The untapped commercial opportunity

The final and most significant finding points toward where the real value lies — and how few programmes are capturing it. Several campaigns in the analysis show employee advocacy functioning not just as brand amplification but as sales infrastructure. The Access Group trained 400 sales and business development employees through a learning management system so they could have better conversations with HR prospects — the content went to the sales team before it went to market. Expleo produced dedicated seller kits alongside employee advocacy kits as parallel outputs from the same content strategy. Soldo ensured all content featured an advocacy mechanic, with nothing going to market without a call to action tied to the content programme.

Robyn framed the underlying dynamic precisely. “When the subject matter experts post, our job is made so much easier,” she recalled a sales professional saying in a recent workshop. “It’s so much easier to have those conversations because we know the prospect already trusts us.” The key, she was clear to emphasise, is empowerment over mandate: “it’s about empowering the team as opposed to mandating them and forcing them to show up — that’s what keeps the authenticity.” Employee advocacy, when it’s working properly, isn’t just generating reach — it’s shortening sales cycles, warming prospect relationships and equipping sales teams with social proof before they ever pick up the phone.

This is the commercial opportunity that most programmes are leaving on the table. Not because it’s inaccessible, but because advocacy is still largely being planned and measured as a brand play rather than a revenue enabler.

Practical takeaways

The five findings from the awards analysis map to a rough maturity framework for any B2B advocacy programme. Where does yours sit?

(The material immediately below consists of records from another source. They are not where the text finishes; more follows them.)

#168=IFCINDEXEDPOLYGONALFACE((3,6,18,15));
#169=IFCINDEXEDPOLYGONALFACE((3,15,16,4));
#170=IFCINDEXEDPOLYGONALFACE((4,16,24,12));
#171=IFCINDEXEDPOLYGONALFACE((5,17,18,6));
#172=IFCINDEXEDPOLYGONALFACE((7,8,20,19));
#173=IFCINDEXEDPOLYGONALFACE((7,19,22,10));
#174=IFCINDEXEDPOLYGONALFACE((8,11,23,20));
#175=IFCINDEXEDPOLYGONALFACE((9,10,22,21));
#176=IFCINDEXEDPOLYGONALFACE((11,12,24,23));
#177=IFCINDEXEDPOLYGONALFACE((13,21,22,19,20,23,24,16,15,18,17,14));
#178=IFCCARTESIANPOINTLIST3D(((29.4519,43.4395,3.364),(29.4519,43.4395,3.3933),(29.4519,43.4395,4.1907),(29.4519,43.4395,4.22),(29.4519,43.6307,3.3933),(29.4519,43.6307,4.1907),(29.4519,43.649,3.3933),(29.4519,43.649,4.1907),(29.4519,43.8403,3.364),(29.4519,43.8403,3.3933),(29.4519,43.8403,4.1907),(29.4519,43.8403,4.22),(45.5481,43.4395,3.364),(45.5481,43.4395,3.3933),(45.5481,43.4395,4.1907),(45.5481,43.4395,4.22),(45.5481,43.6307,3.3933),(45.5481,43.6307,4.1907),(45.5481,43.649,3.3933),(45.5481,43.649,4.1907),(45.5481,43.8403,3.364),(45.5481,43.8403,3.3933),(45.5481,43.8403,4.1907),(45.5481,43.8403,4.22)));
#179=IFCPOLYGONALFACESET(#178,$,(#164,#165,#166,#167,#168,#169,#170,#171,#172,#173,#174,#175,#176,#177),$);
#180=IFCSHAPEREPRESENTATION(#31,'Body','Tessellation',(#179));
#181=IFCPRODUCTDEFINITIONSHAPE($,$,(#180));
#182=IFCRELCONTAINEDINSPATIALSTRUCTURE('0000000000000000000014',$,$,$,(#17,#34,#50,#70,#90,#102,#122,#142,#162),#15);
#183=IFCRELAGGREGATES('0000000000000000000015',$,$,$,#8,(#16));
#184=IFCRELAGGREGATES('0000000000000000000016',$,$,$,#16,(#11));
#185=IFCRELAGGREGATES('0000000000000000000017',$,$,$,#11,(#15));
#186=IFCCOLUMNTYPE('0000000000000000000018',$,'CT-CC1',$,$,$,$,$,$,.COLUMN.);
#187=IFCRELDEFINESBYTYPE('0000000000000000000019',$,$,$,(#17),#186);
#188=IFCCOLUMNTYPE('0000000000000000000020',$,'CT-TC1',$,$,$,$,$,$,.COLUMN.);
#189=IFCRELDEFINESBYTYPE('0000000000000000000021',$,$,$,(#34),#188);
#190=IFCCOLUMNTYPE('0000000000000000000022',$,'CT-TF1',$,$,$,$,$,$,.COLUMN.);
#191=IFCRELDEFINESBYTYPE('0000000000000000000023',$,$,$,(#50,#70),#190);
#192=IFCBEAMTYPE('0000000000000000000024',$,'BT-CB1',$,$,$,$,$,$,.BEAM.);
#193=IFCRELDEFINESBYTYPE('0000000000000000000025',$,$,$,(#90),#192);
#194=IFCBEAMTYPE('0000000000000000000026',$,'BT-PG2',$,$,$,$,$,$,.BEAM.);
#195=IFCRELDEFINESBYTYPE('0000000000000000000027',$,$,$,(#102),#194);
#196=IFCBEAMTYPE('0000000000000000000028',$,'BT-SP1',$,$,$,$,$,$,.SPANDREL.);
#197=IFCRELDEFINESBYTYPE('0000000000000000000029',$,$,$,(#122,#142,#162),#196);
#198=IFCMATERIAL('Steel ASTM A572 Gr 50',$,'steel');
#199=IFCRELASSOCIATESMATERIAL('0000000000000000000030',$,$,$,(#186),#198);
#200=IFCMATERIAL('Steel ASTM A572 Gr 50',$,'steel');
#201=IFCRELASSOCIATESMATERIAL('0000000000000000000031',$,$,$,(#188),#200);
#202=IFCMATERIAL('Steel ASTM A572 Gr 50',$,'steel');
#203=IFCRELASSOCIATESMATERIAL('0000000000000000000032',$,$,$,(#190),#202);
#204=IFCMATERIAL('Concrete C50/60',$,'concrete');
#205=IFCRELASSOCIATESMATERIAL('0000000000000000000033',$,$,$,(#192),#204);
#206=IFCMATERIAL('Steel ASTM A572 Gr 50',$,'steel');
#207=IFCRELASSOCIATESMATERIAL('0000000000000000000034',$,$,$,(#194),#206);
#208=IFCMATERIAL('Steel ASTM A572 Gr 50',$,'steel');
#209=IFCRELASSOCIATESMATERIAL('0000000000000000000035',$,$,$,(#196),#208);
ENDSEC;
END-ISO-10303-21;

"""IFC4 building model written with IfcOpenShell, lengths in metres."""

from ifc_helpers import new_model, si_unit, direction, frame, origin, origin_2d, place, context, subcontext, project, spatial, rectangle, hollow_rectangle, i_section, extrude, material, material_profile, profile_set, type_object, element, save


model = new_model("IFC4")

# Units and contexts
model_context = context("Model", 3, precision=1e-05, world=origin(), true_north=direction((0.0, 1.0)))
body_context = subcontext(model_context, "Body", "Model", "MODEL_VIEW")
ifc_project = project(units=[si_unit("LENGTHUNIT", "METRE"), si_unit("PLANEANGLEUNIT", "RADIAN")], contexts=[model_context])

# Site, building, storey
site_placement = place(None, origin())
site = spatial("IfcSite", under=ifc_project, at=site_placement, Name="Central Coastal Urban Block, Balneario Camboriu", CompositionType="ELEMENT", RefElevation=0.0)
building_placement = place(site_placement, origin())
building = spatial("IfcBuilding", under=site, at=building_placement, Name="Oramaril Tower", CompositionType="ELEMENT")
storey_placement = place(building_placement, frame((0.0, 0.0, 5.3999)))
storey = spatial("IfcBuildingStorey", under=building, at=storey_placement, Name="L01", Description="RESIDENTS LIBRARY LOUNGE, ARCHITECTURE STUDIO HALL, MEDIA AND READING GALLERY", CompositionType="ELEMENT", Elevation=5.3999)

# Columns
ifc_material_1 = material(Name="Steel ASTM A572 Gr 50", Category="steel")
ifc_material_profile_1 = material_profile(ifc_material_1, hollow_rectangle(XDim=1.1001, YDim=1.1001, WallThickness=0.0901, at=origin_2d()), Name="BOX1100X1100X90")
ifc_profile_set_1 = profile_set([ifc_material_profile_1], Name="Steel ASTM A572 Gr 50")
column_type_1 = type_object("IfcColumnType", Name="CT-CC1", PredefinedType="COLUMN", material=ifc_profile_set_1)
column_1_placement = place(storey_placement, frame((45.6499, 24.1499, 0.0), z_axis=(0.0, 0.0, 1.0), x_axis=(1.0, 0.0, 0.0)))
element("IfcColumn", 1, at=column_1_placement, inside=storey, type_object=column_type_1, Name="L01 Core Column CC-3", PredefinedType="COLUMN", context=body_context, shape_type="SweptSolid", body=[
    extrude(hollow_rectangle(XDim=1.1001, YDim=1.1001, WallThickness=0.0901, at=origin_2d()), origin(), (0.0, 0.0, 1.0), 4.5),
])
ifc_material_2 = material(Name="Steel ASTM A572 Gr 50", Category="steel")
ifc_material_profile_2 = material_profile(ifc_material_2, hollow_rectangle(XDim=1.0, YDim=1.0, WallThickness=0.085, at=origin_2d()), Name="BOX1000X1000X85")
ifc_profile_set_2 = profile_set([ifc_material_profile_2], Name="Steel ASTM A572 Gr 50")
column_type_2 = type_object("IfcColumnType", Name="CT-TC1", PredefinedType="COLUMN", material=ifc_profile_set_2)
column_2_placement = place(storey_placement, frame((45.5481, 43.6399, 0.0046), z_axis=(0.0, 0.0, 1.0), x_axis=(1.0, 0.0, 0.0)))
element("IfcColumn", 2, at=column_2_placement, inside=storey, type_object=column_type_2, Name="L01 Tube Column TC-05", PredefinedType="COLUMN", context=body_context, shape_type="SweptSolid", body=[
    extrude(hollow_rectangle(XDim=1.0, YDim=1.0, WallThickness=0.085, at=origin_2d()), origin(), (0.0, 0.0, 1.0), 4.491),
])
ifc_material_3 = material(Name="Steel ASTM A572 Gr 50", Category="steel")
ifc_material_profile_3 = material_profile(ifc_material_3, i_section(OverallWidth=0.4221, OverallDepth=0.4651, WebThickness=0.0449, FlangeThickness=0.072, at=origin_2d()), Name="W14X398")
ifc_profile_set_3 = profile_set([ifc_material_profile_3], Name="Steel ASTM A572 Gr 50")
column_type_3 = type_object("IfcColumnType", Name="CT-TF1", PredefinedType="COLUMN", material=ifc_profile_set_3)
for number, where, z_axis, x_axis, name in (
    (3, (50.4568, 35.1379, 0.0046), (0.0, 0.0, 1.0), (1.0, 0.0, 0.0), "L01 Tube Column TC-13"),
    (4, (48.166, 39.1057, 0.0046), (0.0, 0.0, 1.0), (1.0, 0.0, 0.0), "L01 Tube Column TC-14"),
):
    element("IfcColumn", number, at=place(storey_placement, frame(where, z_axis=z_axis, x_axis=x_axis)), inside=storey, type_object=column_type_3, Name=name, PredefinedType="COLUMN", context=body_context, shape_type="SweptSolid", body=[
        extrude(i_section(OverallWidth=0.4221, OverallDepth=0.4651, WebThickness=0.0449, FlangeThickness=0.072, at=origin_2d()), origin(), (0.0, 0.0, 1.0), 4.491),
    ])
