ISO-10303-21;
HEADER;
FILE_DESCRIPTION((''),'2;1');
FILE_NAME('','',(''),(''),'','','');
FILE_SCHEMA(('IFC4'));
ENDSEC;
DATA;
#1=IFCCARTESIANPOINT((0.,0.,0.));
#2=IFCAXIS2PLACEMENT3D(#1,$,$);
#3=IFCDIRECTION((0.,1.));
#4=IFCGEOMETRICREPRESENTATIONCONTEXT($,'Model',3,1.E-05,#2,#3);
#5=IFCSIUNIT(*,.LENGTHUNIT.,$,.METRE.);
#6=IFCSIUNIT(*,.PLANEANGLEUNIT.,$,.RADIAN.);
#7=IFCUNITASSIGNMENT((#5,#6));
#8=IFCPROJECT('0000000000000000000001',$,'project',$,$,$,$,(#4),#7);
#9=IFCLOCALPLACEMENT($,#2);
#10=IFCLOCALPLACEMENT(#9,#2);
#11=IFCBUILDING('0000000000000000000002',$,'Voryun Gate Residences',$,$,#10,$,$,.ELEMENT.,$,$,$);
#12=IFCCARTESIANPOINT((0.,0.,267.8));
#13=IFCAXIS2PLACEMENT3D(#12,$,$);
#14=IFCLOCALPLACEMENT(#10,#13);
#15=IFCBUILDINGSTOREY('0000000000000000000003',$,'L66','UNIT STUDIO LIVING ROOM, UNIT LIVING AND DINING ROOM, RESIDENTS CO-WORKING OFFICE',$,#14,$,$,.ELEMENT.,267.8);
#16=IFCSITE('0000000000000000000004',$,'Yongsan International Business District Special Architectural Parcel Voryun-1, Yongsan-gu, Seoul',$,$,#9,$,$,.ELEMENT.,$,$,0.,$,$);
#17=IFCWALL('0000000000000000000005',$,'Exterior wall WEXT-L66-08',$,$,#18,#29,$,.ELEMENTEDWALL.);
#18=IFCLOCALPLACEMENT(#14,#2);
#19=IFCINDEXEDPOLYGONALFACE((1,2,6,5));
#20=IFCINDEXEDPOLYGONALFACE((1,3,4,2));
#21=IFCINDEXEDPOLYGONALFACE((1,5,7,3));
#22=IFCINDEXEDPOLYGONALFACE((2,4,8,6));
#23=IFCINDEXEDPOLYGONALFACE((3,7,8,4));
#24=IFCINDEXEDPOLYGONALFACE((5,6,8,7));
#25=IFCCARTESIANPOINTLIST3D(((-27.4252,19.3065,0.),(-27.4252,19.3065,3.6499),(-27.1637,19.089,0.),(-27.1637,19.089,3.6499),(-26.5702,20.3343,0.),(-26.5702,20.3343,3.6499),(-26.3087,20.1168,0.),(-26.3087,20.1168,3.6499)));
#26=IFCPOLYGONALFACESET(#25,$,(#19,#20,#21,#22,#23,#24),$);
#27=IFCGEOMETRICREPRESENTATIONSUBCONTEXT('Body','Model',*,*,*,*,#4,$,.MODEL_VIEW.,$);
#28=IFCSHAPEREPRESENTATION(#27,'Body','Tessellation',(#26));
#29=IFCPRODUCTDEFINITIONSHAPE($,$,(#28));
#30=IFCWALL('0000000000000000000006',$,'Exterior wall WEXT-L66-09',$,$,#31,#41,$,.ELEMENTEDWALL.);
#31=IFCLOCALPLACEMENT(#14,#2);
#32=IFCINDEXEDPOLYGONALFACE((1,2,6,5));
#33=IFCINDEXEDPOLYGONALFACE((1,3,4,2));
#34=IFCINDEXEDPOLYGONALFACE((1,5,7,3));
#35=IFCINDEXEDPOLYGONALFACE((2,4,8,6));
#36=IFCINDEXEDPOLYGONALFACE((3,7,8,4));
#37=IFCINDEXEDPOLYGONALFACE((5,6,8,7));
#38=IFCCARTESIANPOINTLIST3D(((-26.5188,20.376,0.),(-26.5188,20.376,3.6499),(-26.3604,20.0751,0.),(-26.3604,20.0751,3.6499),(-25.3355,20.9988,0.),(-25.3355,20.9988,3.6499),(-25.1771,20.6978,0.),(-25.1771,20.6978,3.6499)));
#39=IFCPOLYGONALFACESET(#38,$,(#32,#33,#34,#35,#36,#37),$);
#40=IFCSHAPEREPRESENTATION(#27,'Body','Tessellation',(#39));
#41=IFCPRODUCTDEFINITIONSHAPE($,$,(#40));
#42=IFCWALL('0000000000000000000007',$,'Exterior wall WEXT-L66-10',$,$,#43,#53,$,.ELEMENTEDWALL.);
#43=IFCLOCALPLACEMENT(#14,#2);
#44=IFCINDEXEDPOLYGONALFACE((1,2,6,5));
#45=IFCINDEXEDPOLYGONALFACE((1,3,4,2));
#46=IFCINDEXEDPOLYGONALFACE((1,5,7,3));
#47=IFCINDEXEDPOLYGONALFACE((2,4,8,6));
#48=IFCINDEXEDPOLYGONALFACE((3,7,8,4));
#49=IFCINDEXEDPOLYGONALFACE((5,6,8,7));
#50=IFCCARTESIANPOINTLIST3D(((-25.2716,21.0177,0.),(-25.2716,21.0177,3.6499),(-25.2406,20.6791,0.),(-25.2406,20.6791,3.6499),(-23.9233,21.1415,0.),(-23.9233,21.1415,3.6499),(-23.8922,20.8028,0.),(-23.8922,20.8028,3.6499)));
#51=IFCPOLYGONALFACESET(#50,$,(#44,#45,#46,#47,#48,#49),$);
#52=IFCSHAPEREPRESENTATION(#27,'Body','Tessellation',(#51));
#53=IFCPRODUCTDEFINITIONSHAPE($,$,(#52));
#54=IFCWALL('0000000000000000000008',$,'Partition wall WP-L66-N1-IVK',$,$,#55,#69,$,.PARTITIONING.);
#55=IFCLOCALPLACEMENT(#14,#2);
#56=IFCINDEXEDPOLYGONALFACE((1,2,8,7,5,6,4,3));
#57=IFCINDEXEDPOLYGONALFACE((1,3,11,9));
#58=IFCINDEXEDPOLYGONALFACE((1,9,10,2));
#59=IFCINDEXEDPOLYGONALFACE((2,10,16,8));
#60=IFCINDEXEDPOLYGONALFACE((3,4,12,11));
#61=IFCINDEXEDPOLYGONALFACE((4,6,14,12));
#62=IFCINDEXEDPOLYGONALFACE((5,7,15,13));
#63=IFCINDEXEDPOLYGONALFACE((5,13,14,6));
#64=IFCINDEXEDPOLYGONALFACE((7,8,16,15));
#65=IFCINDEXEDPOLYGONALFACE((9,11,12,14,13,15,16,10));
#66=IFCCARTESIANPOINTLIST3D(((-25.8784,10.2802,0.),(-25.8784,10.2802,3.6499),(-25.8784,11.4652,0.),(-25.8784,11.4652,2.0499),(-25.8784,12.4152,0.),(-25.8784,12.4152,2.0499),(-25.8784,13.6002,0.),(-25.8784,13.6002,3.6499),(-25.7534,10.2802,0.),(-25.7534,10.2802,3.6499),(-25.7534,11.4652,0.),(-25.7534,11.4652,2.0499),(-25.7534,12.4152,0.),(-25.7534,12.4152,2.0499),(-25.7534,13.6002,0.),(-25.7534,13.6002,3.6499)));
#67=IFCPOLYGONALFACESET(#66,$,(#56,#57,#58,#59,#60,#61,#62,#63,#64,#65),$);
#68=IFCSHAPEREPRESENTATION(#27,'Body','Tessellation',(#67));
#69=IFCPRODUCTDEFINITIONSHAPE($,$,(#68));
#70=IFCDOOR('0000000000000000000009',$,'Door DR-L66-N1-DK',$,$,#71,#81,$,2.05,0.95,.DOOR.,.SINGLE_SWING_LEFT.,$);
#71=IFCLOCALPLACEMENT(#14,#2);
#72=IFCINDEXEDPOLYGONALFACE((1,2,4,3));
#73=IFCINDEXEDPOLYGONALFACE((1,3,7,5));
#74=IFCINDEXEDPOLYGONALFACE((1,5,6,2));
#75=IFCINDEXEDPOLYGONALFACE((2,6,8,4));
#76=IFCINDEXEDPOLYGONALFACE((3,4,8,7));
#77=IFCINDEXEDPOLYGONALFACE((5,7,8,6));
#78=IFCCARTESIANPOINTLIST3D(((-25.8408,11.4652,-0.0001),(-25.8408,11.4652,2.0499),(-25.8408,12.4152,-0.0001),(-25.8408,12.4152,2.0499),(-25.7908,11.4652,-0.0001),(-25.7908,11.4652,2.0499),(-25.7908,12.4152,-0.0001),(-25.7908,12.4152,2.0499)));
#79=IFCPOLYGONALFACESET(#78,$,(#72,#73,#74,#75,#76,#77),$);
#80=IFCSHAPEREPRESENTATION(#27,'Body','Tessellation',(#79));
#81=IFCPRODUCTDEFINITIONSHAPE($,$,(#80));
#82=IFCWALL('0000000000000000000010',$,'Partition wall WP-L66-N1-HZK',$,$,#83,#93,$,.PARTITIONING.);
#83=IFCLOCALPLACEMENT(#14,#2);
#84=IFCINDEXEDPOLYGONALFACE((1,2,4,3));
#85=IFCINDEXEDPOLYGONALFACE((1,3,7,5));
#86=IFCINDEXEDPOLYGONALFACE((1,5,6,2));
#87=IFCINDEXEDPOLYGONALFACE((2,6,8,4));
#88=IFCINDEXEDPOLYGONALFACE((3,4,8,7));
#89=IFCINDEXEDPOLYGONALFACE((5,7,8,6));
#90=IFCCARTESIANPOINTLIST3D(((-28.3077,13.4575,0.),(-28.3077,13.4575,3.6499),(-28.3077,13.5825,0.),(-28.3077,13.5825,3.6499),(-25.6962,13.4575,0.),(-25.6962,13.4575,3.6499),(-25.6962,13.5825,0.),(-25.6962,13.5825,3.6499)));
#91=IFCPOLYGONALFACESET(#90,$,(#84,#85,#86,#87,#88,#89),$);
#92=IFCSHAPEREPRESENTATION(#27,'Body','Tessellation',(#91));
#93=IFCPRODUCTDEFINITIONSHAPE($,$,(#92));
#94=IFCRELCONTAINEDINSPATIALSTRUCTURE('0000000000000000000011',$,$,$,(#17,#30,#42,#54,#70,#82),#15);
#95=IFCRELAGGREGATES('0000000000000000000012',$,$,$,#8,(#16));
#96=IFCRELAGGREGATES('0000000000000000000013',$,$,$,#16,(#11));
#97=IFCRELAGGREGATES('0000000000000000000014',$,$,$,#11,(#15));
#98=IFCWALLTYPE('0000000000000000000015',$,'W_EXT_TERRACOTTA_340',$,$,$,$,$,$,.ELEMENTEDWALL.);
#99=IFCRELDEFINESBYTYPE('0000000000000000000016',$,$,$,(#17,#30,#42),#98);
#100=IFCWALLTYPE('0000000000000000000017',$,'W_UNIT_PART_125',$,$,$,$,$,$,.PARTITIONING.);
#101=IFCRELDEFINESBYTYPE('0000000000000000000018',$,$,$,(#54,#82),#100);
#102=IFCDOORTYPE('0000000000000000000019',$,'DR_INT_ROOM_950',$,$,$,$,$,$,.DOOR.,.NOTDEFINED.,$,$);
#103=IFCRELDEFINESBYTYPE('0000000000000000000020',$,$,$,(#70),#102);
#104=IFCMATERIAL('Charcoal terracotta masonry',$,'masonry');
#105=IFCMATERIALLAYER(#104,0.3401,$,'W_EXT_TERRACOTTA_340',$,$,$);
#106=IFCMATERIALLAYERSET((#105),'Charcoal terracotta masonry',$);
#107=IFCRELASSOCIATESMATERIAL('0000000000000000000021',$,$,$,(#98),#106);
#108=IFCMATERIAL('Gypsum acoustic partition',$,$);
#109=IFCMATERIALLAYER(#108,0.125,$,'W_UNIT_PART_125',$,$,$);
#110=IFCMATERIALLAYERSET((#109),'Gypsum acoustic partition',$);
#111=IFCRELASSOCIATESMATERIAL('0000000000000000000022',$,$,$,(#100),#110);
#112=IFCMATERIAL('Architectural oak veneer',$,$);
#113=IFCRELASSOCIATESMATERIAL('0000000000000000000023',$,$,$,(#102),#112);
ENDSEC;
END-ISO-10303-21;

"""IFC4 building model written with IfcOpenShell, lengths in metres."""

from ifc_helpers import new_model, si_unit, direction, frame, frame_2d, origin, place, context, subcontext, project, spatial, rectangle, extrude, material, layer, layer_set, type_object, element, fill, save


model = new_model("IFC4")

# Units and contexts
model_context = context("Model", 3, precision=1e-05, world=origin(), true_north=direction((0.0, 1.0)))
body_context = subcontext(model_context, "Body", "Model", "MODEL_VIEW")
ifc_project = project(units=[si_unit("LENGTHUNIT", "METRE"), si_unit("PLANEANGLEUNIT", "RADIAN")], contexts=[model_context])

# Site, building, storey
site_placement = place(None, origin())
site = spatial("IfcSite", under=ifc_project, at=site_placement, Name="Yongsan International Business District Special Architectural Parcel Voryun-1, Yongsan-gu, Seoul", CompositionType="ELEMENT", RefElevation=0.0)
building_placement = place(site_placement, origin())
building = spatial("IfcBuilding", under=site, at=building_placement, Name="Voryun Gate Residences", CompositionType="ELEMENT")
storey_placement = place(building_placement, frame((0.0, 0.0, 267.8)))
storey = spatial("IfcBuildingStorey", under=building, at=storey_placement, Name="L66", Description="UNIT STUDIO LIVING ROOM, UNIT LIVING AND DINING ROOM, RESIDENTS CO-WORKING OFFICE", CompositionType="ELEMENT", Elevation=267.8)

# Walls
ifc_material_1 = material(Name="Charcoal terracotta masonry", Category="masonry")
ifc_layer_1 = layer(ifc_material_1, 0.3401, Name="W_EXT_TERRACOTTA_340")
ifc_layer_set_1 = layer_set([ifc_layer_1], Name="Charcoal terracotta masonry")
wall_type_1 = type_object("IfcWallType", Name="W_EXT_TERRACOTTA_340", PredefinedType="ELEMENTEDWALL", material=ifc_layer_set_1)
wall_1_placement = place(storey_placement, frame((-27.2944, 19.1978, 0.0), z_axis=(0.0, 0.0, 1.0), x_axis=(0.639502, 0.76879, 0.0)))
element("IfcWall", 1, at=wall_1_placement, inside=storey, type_object=wall_type_1, Name="Exterior wall WEXT-L66-08", PredefinedType="ELEMENTEDWALL", context=body_context, shape_type="SweptSolid", body=[
    extrude(rectangle(XDim=1.3369, YDim=0.3401, at=frame_2d((0.6685, 0.0))), origin(), (0.0, 0.0, 1.0), 3.6499),
])
wall_2_placement = place(storey_placement, frame((-26.4395, 20.2256, 0.0), z_axis=(0.0, 0.0, 1.0), x_axis=(0.884922, 0.465739, 0.0)))
element("IfcWall", 2, at=wall_2_placement, inside=storey, type_object=wall_type_1, Name="Exterior wall WEXT-L66-09", PredefinedType="ELEMENTEDWALL", context=body_context, shape_type="SweptSolid", body=[
    extrude(rectangle(XDim=1.3372, YDim=0.3401, at=frame_2d((0.6685, 0.0))), origin(), (0.0, 0.0, 1.0), 3.6499),
])
wall_3_placement = place(storey_placement, frame((-25.2561, 20.8484, 0.0), z_axis=(0.0, 0.0, 1.0), x_axis=(0.995813, 0.091414, 0.0)))
element("IfcWall", 3, at=wall_3_placement, inside=storey, type_object=wall_type_1, Name="Exterior wall WEXT-L66-10", PredefinedType="ELEMENTEDWALL", context=body_context, shape_type="SweptSolid", body=[
    extrude(rectangle(XDim=1.354, YDim=0.3401, at=frame_2d((0.677, 0.0))), origin(), (0.0, 0.0, 1.0), 3.6499),
])

# Wall, opening, door
ifc_material_2 = material(Name="Gypsum acoustic partition")
ifc_layer_2 = layer(ifc_material_2, 0.125, Name="W_UNIT_PART_125")
ifc_layer_set_2 = layer_set([ifc_layer_2], Name="Gypsum acoustic partition")
wall_type_2 = type_object("IfcWallType", Name="W_UNIT_PART_125", PredefinedType="PARTITIONING", material=ifc_layer_set_2)
wall_4_placement = place(storey_placement, frame((-25.8159, 10.28, 0.0), z_axis=(0.0, 0.0, 1.0), x_axis=(0.0, 1.0, 0.0)))
wall_4 = element("IfcWall", 4, at=wall_4_placement, inside=storey, type_object=wall_type_2, Name="Partition wall WP-L66-N1-IVK", PredefinedType="PARTITIONING", context=body_context, shape_type="SweptSolid", body=[
    extrude(rectangle(XDim=3.3201, YDim=0.125, at=frame_2d((1.6602, 0.0))), origin(), (0.0, 0.0, 1.0), 3.6499),
])
opening_1_placement = place(wall_4_placement, frame((1.1851, 0.0, 0.0)))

  • On channel strategy: Is your programme built around LinkedIn because it’s the right platform for your audience, or because it’s the default? Are your teams trained to build trust with audiences, or to operate a specific tool?
  • On deployment model: Is your advocacy episodic — triggered by campaigns and dormant between them — or is it always-on? If you’re starting with a brand moment, what’s the plan to sustain it beyond the launch?
  • On sequencing: Are employees your first media channel, genuinely briefed and invested before anything goes external? Or are they an afterthought in the activation plan?
  • On measurement: Are you reporting advocacy in reach terms because that’s what’s available, or because that’s what you’ve decided to measure? What would it take to start capturing quality of influence alongside volume?
  • On commercial integration: Is your advocacy programme connected to your sales team’s activity — equipping them with better conversations, not just generating brand impressions? If not, that’s where the most significant untapped value sits.